Truth V. Kent School District

From Conservapedia

In Truth v. Kent School District, 2008 U.S. App. LEXIS 8933 (9th Cir. Wash., Apr. 25, 2008), the Court of Appeals for the Ninth Circuit considered school clubs and the Establishment Clause. When two students attempted to form a Bible club called "Truth" at Kentridge High School, the school denied them permission on the grounds that the club would exclude students because it required that members possess a true desire to grow in a relationship with Jesus Christ. Many of the thirty clubs at Kentridge were just as exclusive as the proposed Bible club. For example, the Men's Honor Club and Girl's Honor Club obviously had gender exclusive membership, although gender discrimination is allowed in public school by 20 U.S.C. § 1681(a)(6) (providing that gender discrimination is allowed with regard to certain social fraternities and sororities and volunteer youth organizations that have traditionally been limited to one sex).

The Court held that, "the District did not violate the Act or Truth's First Amendment rights by applying its non-discrimination policy to require Truth to remove its general membership provision."

The Court held that the First Amendment may apply where a school denies recognition to a student club based on its membership criteria. When students seek to associate as a school-sponsored group, with access to school funds, additional access to the school's property and facilities, and special rights to post materials around the school, Courts evaluate the a school district's denial of official recognition as a restriction on a "limited public forum." See Rosenberger v. Rector & Visitors of Univ. of Va., 515 U.S. 819, 829, 115 S. Ct. 2510, 132 L. Ed. 2d 700 (1995) (applying limited public forum analysis to religious group's request for student activities funds); see also Prince, 303 F.3d at 1091 (holding that a school "created a limited public forum").

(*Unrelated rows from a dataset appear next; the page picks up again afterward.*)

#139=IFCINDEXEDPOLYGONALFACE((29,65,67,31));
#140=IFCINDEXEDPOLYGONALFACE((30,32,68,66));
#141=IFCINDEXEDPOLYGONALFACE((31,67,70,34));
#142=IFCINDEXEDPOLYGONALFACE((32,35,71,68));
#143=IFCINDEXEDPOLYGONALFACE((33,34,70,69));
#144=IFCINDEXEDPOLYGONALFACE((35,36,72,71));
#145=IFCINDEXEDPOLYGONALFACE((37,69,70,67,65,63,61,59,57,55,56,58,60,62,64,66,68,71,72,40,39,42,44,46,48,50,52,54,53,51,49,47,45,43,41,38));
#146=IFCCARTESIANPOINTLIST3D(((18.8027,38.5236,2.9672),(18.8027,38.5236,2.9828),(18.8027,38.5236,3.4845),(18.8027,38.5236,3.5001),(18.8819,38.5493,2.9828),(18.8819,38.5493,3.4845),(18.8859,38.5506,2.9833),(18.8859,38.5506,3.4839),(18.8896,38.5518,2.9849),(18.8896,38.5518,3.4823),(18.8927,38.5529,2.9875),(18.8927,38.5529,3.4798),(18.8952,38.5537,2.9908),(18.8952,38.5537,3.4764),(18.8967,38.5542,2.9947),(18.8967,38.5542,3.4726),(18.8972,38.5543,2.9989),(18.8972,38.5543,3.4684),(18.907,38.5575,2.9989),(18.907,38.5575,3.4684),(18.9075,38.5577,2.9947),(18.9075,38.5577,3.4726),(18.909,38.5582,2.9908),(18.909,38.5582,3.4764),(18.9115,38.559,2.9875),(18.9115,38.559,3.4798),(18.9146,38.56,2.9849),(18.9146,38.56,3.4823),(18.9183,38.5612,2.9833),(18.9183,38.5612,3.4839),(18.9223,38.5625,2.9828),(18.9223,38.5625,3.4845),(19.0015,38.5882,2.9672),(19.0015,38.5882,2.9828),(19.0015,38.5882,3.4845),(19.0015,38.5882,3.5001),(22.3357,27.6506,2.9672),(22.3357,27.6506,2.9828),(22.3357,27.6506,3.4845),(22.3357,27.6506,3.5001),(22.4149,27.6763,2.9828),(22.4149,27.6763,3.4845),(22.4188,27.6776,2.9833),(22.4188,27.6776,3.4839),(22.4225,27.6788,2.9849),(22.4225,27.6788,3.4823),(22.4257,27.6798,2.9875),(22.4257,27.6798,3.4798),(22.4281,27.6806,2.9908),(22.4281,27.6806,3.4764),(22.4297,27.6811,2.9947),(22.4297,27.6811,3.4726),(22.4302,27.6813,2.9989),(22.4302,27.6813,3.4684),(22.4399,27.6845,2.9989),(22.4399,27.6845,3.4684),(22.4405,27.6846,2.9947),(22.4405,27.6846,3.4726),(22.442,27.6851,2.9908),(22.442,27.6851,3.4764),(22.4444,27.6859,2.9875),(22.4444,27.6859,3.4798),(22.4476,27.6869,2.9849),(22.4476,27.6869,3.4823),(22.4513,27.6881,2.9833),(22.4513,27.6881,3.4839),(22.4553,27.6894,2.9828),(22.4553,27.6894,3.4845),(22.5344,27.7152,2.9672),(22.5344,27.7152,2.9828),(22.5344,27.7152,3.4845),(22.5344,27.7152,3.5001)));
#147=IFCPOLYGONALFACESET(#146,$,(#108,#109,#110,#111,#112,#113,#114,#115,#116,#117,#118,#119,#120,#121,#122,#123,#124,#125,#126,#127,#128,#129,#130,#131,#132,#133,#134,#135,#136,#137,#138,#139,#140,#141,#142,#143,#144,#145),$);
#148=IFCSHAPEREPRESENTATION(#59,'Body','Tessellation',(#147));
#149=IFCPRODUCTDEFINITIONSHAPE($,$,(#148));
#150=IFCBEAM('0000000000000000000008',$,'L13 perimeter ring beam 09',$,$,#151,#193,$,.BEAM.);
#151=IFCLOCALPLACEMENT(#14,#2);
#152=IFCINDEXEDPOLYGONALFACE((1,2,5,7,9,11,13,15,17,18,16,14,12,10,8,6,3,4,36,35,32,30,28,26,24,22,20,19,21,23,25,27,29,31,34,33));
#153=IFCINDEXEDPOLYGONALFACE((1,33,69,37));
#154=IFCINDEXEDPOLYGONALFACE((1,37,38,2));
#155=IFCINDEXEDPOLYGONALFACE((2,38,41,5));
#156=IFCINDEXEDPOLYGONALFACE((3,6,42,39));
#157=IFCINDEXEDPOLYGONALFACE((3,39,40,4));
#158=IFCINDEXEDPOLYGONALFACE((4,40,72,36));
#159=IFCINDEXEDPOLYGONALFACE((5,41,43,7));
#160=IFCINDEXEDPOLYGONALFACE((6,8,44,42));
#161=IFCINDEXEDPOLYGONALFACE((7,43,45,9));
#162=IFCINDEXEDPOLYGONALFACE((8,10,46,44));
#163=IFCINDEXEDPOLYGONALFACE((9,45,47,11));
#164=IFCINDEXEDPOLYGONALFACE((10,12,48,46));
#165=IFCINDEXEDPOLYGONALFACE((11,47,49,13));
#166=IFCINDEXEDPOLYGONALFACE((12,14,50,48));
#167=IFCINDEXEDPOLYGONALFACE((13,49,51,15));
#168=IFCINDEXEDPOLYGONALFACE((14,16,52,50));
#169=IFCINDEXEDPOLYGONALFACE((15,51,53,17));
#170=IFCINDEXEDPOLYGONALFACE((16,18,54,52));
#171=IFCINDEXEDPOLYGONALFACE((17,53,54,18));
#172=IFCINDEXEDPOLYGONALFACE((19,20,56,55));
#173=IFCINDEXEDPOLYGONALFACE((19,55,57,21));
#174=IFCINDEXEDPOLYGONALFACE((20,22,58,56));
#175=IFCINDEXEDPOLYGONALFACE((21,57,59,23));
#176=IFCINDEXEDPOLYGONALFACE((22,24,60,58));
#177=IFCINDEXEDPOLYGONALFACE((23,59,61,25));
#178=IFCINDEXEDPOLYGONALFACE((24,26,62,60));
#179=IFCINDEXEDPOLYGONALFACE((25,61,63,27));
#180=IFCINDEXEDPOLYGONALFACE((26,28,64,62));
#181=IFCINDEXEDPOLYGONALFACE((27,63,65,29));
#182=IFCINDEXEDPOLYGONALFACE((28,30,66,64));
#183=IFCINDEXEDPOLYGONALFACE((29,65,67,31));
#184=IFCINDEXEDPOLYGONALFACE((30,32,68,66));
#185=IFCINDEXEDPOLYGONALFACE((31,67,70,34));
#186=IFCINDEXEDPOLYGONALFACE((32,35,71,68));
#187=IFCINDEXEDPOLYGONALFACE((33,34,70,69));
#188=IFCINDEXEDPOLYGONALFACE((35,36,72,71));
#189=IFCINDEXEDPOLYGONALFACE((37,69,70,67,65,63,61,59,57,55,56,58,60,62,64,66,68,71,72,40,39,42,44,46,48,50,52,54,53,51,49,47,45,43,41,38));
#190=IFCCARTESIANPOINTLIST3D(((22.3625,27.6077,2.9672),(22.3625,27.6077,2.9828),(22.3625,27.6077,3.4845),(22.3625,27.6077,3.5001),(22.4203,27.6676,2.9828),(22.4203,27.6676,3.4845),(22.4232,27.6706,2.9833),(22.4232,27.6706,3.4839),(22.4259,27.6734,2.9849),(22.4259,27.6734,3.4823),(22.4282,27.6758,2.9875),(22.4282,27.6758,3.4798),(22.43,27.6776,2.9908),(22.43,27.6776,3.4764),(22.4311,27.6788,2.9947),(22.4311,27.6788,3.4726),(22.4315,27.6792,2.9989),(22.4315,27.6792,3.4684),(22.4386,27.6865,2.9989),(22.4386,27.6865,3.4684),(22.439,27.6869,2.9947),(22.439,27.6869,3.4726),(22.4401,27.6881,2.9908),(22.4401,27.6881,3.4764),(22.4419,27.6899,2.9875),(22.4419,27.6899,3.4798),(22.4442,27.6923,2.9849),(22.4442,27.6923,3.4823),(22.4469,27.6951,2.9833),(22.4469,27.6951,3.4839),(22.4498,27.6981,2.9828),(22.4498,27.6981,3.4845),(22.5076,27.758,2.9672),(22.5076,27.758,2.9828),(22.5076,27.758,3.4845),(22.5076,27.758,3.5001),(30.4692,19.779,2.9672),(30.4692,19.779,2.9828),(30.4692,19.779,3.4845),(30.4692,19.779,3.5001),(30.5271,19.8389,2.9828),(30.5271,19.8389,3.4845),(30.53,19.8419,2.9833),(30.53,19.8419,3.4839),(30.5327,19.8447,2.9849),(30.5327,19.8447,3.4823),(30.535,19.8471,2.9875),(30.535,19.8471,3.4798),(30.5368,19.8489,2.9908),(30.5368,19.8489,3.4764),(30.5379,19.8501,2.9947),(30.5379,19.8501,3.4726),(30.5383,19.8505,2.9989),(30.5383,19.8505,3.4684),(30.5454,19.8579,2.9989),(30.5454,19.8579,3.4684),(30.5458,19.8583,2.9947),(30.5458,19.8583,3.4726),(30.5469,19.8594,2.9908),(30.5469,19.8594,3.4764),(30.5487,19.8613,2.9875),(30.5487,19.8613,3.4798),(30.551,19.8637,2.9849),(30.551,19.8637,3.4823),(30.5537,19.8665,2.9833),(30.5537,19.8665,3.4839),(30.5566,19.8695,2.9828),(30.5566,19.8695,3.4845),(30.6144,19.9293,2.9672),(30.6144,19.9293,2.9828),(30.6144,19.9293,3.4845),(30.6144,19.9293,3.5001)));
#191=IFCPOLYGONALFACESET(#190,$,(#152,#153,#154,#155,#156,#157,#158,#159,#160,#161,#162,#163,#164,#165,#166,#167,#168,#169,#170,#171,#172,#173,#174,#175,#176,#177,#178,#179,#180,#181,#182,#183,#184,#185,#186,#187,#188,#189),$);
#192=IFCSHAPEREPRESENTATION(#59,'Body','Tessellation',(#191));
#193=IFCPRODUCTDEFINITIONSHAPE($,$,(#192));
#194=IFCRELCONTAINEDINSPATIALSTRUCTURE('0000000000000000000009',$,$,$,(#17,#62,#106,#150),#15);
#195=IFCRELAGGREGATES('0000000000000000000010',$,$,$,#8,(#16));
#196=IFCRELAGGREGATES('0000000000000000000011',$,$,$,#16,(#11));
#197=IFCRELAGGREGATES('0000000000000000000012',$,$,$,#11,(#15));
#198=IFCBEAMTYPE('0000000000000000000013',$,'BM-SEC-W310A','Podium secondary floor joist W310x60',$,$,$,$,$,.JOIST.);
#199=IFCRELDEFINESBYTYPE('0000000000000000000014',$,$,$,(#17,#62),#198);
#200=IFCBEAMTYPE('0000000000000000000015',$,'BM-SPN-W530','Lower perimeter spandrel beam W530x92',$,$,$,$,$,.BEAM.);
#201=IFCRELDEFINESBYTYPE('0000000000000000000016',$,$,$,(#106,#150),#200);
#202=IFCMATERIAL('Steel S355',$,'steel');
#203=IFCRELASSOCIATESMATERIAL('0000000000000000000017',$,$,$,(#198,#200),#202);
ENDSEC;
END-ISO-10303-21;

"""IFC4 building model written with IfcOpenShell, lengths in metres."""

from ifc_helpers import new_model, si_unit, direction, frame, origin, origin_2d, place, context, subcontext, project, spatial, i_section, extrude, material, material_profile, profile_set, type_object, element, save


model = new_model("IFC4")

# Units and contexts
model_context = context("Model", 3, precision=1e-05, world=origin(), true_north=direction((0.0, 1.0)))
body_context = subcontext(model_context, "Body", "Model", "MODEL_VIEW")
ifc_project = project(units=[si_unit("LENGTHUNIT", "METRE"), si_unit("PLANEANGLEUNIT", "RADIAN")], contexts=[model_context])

The limited public forum framework "has been the source of much confusion" and the precise contours of the term "have not always been clear." Hopper v. City of Pasco, 241 F.3d 1067, 1074 (9th Cir. 2001) (internal quotations and citation omitted). The Supreme Court first addressed the concept, indirectly, in Widmar. The Court recognized that, although the state is not required to open certain fora to public discourse, once it elects to do so, it "assume[s] an obligation to justify its discriminations and exclusions under applicable constitutional norms." Widmar, 454 U.S. at 267-68. Two years later, in Perry Education Association v. Perry Local Educators' Association, 460 U.S. 37, 44-45, 103 S. Ct. 948, 74 L. Ed. 2d 794 (1983), the Supreme Court clarified that there are three categories of government-run fora. "At one end of the spectrum are streets and parks which have immemorially been held in trust for the use of the public." Id. at 45 (internal quotations omitted). On the opposite end of the spectrum are those government properties that have not been traditionally considered open to the public. Id. at 46. Finally, falling somewhere in between are limited public fora, which "consist[ ] of public property which the state has opened for use by the public as a place for expressive activity." Id. at 45.